Byłam nie tylko jej czytelniczką, ale redakcyjną koleżanką. Podziwiałam jej dystans do życia, ludzi i samej siebie. Była inna i być może tę inność przywiozła z Francji, w której się urodziła i chodziła do szkoły. Była dwujęzyczna, a biegła znajomość francuskiego pozwalała jej zanurzać się w dwóch kręgach językowych i dwóch kulturach.
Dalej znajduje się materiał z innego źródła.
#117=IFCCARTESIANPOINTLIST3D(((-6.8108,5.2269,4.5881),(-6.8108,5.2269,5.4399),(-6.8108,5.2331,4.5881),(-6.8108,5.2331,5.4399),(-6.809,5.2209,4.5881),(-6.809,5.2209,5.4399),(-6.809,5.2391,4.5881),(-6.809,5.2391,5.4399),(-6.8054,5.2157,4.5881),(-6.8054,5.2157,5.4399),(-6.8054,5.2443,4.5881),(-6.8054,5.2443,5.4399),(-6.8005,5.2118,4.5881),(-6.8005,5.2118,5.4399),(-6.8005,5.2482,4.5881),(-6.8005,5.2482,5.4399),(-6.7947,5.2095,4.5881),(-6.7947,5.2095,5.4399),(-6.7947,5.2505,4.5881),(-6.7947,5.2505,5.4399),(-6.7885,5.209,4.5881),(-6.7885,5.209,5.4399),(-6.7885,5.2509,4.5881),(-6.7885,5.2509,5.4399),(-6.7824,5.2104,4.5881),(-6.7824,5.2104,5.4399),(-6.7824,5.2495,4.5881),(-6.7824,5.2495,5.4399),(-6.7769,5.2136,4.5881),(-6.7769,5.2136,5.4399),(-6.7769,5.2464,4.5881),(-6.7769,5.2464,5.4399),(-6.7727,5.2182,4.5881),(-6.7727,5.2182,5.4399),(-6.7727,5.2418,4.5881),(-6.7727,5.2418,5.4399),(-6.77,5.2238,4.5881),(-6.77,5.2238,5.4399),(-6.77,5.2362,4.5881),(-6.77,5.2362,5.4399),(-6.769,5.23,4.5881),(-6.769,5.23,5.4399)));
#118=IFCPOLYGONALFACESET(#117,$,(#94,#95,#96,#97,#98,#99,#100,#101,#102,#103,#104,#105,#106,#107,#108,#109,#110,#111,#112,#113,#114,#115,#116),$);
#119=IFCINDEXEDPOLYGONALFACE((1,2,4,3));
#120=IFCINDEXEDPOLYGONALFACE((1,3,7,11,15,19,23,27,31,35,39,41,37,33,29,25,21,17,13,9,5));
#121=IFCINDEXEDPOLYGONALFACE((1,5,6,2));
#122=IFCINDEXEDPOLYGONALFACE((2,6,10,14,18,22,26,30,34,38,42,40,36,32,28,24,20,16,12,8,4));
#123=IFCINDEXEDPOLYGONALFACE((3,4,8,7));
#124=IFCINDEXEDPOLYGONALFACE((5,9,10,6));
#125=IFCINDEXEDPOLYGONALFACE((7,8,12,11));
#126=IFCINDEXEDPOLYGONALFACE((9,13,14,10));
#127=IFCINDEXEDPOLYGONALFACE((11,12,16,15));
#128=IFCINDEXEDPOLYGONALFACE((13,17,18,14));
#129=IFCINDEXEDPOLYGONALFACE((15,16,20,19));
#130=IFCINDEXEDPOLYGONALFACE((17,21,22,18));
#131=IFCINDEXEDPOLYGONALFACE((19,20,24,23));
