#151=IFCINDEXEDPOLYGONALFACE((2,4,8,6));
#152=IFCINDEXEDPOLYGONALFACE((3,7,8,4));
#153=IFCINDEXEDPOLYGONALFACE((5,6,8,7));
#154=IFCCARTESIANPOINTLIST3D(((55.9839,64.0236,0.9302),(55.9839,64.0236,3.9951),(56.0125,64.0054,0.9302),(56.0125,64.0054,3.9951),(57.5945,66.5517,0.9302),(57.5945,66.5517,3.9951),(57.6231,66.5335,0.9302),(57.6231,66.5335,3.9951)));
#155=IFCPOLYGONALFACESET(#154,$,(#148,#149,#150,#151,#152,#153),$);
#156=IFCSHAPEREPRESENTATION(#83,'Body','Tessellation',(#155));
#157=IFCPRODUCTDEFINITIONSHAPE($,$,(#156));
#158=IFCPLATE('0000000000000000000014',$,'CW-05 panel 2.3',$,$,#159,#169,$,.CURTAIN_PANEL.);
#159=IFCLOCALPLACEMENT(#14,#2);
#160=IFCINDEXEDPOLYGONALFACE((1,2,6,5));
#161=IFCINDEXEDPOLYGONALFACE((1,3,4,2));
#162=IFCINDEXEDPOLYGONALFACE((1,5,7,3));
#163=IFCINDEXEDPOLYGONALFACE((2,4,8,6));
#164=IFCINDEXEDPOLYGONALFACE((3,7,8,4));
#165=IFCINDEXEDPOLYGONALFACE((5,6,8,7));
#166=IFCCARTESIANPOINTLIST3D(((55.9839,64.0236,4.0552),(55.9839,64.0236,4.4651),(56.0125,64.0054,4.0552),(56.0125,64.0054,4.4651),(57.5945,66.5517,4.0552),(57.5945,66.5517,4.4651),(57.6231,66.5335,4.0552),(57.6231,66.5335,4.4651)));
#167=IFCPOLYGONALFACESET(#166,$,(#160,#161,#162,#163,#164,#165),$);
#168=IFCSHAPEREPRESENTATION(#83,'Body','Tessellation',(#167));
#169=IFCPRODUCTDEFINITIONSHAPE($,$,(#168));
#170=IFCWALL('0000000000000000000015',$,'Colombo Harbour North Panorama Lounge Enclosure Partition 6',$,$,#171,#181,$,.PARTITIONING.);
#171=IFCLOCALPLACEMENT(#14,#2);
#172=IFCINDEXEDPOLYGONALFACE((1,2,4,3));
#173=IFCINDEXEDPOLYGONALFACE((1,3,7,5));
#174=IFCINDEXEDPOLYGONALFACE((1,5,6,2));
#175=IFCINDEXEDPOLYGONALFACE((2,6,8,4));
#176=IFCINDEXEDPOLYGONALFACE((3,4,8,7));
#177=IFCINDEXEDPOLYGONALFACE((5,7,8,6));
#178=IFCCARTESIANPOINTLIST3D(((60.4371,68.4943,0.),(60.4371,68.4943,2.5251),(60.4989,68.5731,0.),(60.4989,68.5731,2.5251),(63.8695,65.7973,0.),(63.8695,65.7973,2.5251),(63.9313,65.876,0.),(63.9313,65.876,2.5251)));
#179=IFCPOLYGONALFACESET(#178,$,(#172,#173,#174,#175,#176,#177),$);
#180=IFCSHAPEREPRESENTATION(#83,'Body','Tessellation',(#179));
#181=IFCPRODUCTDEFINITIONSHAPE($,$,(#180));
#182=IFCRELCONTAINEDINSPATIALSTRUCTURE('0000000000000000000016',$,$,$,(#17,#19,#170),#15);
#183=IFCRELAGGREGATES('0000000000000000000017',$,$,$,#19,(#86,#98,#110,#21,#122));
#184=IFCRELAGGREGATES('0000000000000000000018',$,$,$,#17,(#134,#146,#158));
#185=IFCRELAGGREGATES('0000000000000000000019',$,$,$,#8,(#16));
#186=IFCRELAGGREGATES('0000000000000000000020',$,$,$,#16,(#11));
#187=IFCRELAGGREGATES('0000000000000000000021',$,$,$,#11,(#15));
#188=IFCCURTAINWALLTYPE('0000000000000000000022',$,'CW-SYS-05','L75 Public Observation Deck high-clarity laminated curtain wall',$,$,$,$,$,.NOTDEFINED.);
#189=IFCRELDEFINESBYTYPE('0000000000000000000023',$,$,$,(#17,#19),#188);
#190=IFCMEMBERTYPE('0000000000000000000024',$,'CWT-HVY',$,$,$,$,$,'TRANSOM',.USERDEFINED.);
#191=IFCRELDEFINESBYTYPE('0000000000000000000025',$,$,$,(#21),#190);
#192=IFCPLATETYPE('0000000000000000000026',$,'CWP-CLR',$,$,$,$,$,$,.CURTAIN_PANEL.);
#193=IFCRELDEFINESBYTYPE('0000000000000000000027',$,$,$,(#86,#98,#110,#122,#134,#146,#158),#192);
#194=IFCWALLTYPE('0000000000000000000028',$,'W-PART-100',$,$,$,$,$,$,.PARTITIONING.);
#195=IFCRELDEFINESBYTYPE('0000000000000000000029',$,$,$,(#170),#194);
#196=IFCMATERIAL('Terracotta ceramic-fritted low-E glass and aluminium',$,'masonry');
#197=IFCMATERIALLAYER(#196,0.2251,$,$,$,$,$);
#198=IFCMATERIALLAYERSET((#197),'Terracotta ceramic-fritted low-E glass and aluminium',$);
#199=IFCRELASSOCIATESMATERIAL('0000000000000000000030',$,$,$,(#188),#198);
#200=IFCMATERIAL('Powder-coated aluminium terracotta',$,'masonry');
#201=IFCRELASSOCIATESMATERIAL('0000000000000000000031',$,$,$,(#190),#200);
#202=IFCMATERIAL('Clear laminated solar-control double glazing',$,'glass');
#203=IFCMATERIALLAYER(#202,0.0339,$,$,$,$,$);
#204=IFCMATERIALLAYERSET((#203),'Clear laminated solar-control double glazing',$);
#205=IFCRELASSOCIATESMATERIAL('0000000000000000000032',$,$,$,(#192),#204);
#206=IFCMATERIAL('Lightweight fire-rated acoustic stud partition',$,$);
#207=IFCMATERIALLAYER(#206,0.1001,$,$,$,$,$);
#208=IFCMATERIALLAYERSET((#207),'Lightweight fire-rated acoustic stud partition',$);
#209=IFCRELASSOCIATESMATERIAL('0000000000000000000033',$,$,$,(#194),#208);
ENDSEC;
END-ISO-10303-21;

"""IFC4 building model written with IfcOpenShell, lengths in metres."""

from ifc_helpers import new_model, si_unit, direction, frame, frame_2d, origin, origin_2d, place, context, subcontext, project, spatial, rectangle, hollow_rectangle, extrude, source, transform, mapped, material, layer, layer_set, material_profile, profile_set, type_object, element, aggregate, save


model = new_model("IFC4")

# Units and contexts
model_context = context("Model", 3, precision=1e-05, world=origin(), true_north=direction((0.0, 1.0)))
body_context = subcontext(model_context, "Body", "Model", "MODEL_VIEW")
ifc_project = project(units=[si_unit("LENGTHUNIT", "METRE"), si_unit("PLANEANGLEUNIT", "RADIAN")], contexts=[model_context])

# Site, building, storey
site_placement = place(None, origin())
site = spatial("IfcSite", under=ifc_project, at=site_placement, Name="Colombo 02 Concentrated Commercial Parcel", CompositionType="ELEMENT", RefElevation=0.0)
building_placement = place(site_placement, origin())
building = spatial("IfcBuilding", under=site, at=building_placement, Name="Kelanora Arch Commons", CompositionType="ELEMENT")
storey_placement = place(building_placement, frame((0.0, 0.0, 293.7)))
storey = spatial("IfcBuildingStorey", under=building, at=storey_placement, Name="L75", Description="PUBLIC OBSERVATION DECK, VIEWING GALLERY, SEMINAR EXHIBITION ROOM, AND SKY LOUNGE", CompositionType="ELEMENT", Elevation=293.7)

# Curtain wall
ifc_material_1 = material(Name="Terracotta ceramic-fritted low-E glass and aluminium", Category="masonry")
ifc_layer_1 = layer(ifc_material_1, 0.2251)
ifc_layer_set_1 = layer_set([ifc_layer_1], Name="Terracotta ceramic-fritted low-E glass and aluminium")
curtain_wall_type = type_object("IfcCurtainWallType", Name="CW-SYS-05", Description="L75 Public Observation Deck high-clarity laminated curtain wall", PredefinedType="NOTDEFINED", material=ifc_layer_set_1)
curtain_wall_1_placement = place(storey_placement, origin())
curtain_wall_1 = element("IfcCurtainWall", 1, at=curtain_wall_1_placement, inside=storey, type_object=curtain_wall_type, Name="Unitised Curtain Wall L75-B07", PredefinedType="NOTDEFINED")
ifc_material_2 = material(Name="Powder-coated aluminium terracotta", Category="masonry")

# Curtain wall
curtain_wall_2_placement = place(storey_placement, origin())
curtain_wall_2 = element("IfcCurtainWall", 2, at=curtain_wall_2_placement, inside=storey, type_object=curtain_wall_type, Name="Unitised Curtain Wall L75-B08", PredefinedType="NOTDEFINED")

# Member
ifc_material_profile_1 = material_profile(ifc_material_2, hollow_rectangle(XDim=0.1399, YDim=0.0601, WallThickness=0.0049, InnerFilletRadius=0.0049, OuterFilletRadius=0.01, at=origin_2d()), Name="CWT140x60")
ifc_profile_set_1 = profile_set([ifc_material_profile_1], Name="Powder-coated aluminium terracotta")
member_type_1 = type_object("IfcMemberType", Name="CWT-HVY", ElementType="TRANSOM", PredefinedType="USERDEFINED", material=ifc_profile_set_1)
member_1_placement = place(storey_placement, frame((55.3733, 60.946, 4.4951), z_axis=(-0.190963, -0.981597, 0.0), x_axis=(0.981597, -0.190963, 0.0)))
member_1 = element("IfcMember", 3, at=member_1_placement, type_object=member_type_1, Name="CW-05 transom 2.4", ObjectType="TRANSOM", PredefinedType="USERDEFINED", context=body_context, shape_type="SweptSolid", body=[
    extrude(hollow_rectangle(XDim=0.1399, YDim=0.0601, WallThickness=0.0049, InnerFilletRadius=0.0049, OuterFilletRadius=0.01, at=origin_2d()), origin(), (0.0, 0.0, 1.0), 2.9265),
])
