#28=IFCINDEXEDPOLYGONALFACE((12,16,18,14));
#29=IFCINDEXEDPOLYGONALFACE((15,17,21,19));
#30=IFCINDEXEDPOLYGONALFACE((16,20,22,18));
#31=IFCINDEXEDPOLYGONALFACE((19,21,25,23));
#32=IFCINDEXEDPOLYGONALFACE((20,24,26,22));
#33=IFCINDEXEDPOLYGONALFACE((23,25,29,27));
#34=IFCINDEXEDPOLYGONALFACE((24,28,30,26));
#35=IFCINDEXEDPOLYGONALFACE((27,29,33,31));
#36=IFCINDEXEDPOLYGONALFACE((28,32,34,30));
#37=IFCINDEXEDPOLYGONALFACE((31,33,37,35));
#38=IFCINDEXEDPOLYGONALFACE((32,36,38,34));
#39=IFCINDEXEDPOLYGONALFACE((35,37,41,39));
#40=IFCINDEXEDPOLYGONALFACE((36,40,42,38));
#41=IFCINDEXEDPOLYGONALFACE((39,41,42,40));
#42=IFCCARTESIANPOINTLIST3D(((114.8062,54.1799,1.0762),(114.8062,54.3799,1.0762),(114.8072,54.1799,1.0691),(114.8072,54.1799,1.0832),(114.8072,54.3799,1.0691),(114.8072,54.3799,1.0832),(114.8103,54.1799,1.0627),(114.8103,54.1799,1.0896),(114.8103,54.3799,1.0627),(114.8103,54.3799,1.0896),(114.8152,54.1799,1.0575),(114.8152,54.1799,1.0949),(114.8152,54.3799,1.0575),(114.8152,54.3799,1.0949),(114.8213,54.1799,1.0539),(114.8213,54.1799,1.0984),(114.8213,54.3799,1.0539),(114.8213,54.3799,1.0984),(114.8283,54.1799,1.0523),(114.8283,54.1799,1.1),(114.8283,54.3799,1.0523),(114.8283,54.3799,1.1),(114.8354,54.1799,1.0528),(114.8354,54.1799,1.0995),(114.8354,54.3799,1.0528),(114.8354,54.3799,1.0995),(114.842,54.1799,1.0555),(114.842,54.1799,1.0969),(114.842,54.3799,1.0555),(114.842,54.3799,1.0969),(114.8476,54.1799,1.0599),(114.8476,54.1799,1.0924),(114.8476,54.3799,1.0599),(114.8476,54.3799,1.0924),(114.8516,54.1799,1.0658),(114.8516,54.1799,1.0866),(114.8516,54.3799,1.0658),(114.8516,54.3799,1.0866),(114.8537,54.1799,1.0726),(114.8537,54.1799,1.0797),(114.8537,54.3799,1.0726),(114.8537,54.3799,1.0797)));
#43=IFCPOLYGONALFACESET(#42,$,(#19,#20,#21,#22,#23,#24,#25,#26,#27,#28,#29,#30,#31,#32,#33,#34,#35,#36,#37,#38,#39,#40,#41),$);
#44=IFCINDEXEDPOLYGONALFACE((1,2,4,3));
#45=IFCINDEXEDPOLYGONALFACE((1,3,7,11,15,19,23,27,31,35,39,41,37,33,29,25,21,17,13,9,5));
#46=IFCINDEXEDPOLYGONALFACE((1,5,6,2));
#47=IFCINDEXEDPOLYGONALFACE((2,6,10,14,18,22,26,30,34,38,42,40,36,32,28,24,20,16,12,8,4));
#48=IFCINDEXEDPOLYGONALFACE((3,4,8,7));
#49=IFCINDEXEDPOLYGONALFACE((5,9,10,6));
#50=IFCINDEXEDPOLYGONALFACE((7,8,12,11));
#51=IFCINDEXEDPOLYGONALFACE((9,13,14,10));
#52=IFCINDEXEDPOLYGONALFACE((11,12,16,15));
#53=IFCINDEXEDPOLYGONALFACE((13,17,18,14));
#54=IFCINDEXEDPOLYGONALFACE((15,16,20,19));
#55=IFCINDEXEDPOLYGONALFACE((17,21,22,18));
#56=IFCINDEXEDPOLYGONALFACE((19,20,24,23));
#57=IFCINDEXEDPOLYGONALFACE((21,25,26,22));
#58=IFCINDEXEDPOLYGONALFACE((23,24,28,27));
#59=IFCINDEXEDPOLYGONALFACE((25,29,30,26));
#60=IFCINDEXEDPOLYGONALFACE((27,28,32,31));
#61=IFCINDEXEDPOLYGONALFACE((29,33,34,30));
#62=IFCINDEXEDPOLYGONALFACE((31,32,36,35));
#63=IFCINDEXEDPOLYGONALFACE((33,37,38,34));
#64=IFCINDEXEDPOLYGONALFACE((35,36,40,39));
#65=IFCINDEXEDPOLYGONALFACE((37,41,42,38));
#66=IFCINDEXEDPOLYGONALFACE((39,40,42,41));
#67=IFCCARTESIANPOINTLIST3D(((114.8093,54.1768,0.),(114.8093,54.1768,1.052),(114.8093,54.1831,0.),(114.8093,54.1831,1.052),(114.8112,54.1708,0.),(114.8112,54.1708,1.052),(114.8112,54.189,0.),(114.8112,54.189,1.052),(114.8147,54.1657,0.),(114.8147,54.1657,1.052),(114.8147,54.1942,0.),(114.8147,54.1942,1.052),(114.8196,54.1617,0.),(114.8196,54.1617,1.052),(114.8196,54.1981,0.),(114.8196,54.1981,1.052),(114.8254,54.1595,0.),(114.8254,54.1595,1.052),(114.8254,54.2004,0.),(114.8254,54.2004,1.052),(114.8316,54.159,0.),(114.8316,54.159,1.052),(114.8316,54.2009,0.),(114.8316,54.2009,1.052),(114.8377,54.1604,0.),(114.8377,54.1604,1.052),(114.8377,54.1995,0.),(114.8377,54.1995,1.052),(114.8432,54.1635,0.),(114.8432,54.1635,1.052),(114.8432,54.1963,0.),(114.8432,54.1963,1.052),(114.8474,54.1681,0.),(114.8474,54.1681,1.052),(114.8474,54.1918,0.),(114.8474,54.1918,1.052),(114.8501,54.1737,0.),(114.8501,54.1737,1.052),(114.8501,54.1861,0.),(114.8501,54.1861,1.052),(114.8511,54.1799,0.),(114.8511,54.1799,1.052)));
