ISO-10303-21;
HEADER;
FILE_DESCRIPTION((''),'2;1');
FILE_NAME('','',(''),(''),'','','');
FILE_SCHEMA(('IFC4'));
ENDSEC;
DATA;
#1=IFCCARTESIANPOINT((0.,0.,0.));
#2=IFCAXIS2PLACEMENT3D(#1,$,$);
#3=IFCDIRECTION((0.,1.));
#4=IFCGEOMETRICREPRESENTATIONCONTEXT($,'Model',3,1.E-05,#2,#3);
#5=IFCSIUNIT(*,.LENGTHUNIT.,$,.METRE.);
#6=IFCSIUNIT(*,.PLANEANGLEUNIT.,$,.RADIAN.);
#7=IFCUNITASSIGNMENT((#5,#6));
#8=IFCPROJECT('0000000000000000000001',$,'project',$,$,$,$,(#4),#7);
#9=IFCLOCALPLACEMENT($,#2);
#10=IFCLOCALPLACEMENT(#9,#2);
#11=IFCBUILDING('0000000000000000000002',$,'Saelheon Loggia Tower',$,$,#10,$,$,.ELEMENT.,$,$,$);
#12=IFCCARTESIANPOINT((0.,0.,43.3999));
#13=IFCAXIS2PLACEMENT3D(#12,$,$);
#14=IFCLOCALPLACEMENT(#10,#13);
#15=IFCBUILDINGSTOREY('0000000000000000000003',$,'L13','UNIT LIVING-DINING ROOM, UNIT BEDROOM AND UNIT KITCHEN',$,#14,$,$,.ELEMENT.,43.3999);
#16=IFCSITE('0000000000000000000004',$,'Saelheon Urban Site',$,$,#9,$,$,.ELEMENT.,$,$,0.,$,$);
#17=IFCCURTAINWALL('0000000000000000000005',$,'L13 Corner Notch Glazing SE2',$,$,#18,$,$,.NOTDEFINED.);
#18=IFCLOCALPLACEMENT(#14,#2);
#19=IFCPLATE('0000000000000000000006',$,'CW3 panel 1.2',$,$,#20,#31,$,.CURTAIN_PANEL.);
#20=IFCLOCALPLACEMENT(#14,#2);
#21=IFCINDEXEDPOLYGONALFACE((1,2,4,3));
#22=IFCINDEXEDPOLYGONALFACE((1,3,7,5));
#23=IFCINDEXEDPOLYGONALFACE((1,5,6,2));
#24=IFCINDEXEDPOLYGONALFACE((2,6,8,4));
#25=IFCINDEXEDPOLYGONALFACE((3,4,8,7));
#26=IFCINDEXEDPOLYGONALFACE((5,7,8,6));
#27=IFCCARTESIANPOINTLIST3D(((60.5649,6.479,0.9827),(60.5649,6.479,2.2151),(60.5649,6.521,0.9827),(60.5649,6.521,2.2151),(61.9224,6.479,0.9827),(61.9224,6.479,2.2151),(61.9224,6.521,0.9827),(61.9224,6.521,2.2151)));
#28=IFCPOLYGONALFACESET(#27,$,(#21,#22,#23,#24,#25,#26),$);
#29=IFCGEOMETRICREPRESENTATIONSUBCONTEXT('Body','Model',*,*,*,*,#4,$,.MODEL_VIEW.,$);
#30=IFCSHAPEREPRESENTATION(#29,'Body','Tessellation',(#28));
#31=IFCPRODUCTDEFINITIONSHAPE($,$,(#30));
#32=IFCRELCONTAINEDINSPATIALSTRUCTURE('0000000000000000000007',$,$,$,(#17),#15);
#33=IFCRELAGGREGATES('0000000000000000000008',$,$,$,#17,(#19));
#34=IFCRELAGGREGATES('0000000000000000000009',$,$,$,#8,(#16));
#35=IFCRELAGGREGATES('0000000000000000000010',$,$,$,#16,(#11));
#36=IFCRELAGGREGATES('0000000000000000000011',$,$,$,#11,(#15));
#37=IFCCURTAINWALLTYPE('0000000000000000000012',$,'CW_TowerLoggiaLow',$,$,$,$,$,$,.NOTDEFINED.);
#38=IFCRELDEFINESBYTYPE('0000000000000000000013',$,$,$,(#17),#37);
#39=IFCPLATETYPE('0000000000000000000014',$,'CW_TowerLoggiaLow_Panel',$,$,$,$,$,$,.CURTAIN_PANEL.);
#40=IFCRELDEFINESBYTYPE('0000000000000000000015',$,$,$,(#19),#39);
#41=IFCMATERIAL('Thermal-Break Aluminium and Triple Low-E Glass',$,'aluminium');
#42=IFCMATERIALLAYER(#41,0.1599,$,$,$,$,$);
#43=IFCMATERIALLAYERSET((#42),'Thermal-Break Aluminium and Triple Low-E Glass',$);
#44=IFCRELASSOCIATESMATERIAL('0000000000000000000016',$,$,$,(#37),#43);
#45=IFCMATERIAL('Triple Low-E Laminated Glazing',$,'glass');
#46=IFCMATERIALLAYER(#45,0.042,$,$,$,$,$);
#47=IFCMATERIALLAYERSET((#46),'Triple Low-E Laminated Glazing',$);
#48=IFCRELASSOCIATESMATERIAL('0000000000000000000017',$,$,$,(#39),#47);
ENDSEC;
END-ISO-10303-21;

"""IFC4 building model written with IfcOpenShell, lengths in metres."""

from ifc_helpers import new_model, si_unit, direction, frame, origin, origin_2d, place, context, subcontext, project, spatial, rectangle, extrude, source, transform, mapped, material, layer, layer_set, type_object, element, aggregate, save


model = new_model("IFC4")

# Units and contexts
model_context = context("Model", 3, precision=1e-05, world=origin(), true_north=direction((0.0, 1.0)))
body_context = subcontext(model_context, "Body", "Model", "MODEL_VIEW")
ifc_project = project(units=[si_unit("LENGTHUNIT", "METRE"), si_unit("PLANEANGLEUNIT", "RADIAN")], contexts=[model_context])

# Site, building, storey
site_placement = place(None, origin())
site = spatial("IfcSite", under=ifc_project, at=site_placement, Name="Saelheon Urban Site", CompositionType="ELEMENT", RefElevation=0.0)
building_placement = place(site_placement, origin())
building = spatial("IfcBuilding", under=site, at=building_placement, Name="Saelheon Loggia Tower", CompositionType="ELEMENT")
storey_placement = place(building_placement, frame((0.0, 0.0, 43.3999)))
storey = spatial("IfcBuildingStorey", under=building, at=storey_placement, Name="L13", Description="UNIT LIVING-DINING ROOM, UNIT BEDROOM AND UNIT KITCHEN", CompositionType="ELEMENT", Elevation=43.3999)

# Curtain wall
ifc_material_1 = material(Name="Thermal-Break Aluminium and Triple Low-E Glass", Category="aluminium")
ifc_layer_1 = layer(ifc_material_1, 0.1599)
ifc_layer_set_1 = layer_set([ifc_layer_1], Name="Thermal-Break Aluminium and Triple Low-E Glass")
curtain_wall_type = type_object("IfcCurtainWallType", Name="CW_TowerLoggiaLow", PredefinedType="NOTDEFINED", material=ifc_layer_set_1)
curtain_wall_1_placement = place(storey_placement, origin())
curtain_wall_1 = element("IfcCurtainWall", 1, at=curtain_wall_1_placement, inside=storey, type_object=curtain_wall_type, Name="L13 Corner Notch Glazing SE2", PredefinedType="NOTDEFINED")

# Plate
ifc_material_2 = material(Name="Triple Low-E Laminated Glazing", Category="glass")
ifc_layer_2 = layer(ifc_material_2, 0.042)
ifc_layer_set_2 = layer_set([ifc_layer_2], Name="Triple Low-E Laminated Glazing")
plate_type = type_object("IfcPlateType", Name="CW_TowerLoggiaLow_Panel", PredefinedType="CURTAIN_PANEL", material=ifc_layer_set_2)
shared_shape_1 = source(origin(), body_context, "Body", "SweptSolid", [
    extrude(rectangle(XDim=1.3574, YDim=0.042, at=origin_2d()), origin(), (0.0, 0.0, 1.0), 1.2324),
])
plate_1_placement = place(storey_placement, frame((61.2437, 6.5, 0.9827), z_axis=(0.0, 0.0, 1.0), x_axis=(1.0, 0.0, 0.0)))
plate_1 = element("IfcPlate", 2, at=plate_1_placement, type_object=plate_type, Name="CW3 panel 1.2", PredefinedType="CURTAIN_PANEL", context=body_context, shape_type="MappedRepresentation", body=[
    mapped(shared_shape_1, transform((0.0, 0.0, 0.0), scale=1.0)),
])
aggregate(curtain_wall_1, [plate_1])

save(model, "model.ifc")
Alina czytała regularnie „Paris Match”, który dostawała redakcja i żałowała, że nie ma debitu na ambitniejszy, ale politycznie nie do strawienia dla ówczesnych władz „L’ Express”. Jeśli była potrzeba, tłumaczyła błyskawicznie, pisząc na maszynie polski tekst z rozłożonego „Matcha”. Francuski nas zbliżył, ale to ona czytała w oryginale Maigreta i tłumaczyła mi niuanse tekstów piosenek Edith Piaf.
W pamięci pozostała mi nasza peregrynacja po Piotrkowskiej. Był to czas pierwszych kartek na cukier i pustoszejących sklepów. Alina z optymizmem godnym lepszej sprawy postanowiła kupić kawałek wołowiny na kolację. Stanęło bowiem na tym, że po pracy jedziemy do niej, żeby posłuchać płyt i sobie pogadać. Było letnie popołudnie, gorąco, a nasze nadzieje na kupno c z e g o k o l w i e k topniały w miarę upływu czasu.
– Znam. jedną jatkę – powiedziała wówczas Alina – ale nie wiem, czy miałabyś ochotę na koninę po francusku? – Wyznałam, że z chęcią spróbuję, ale nie dane mi było – również jatka z koniną świeciła pustkami. A jednak tego wieczoru było coś z kuchni francuskiej. Alina przygotowała zieloną fasolkę na zimno z sosem vinaigrette, głos Edith Piaf zapewniał, że „niczego nie żałuje” – my zresztą też. Lubiłyśmy te nasze „pogaduchy”.
Z Aliną świetnie się rozmawiało. Była bystrą, obdarzoną poczuciem humoru obserwatorką, pilnie dbającą o dobre pointy. – Wyobraź sobie, że dzisiaj na Piotrkowskiej – opowiadała – wysunął mi się spod pachy plik papierzysk od architektów i zasłał kawałek chodnika. Schyliłam się, by pozbierać ale z pomocą pośpieszył mi młody człowiek. Zza pleców usłyszałam jego głos: – Oooo. praca magisterska się pani rozsypała! – W tym momencie odwróciłam się do niego, a on spojrzał na mnie i rzekł zaskoczony: – O, przepraszam, to zdaje się praca doktorska?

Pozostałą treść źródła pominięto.